A mobilização, conduzida pelo Chamado Mundial à Ação contra a Pobreza (GCAP) se estendeu desde 16 de setembro e culminou nos últimos dias 15 e 16 com o slogan “Levante-se”. Fatores que contribuíram para a pouca repercussão da campanha na América Latina, segundo organizações sociais promotoras, foram a escolha do lema, o desconhecimento dos calendários nacionais e a falta de inserção nas agendas latino-americanas. Algumas organizações sociais latino-americanas consideraram que o debate na região é principalmente pela distribuição eqüitativa da riqueza. A América Latina é a região do mundo com maior desigualdade entre ricos e pobres.

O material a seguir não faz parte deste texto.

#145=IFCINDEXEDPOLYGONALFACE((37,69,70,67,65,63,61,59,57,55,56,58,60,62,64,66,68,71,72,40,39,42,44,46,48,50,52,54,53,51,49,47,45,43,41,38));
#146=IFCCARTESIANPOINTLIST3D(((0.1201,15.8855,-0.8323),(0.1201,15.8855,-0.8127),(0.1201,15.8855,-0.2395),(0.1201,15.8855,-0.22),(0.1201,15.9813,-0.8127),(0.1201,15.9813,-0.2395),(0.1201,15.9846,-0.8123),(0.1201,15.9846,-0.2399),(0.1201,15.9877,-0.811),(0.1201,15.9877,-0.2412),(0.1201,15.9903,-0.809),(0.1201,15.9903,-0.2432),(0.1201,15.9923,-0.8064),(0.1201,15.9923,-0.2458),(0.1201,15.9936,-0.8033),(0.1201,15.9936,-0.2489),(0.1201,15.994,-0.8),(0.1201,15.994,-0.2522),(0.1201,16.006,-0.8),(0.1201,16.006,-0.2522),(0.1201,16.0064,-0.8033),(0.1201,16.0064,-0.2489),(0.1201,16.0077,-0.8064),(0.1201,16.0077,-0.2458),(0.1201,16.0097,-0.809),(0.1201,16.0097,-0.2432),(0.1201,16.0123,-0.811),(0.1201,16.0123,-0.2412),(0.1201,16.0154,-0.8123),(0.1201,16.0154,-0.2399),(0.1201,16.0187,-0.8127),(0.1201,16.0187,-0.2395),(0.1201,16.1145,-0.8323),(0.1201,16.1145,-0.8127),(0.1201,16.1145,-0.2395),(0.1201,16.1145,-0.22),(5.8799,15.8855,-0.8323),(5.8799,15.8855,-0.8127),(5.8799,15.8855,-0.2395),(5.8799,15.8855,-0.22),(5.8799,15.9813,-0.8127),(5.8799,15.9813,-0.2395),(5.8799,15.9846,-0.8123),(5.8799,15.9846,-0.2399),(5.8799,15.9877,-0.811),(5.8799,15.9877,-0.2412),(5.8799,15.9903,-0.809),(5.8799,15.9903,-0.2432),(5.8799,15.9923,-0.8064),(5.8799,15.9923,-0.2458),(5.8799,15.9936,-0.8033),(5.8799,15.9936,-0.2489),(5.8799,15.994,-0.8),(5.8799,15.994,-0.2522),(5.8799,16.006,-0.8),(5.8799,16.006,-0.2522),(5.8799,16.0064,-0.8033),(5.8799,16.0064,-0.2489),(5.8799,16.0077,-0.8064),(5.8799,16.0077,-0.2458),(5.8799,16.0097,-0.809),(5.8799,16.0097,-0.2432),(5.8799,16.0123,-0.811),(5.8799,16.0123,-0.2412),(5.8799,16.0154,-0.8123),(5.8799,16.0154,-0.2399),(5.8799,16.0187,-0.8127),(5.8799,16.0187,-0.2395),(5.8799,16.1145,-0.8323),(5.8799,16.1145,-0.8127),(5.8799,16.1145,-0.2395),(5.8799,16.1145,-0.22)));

“A luta contra a pobreza em nossos países pode encontrar a esquerda unida com a direita, mas se propomos o combate contra a desigualdade, então o lema é muito diferente e obtém distintas adesões”, afirmou Carpio. “Propusemos este eixo aos organizadores, mas no Norte isto não é bem entendido”, acrescentou. Carpio informou que em uma reunião em Beirute foi sugerida a idéia de mudar o lema para “Aliança pela igualdade”, mas não prosperou. Foco é o representante argentino do GCAP, uma rede que reúne dezenas de organizações sociais e não-governamentais em todo o mundo para protestar contra a pobreza.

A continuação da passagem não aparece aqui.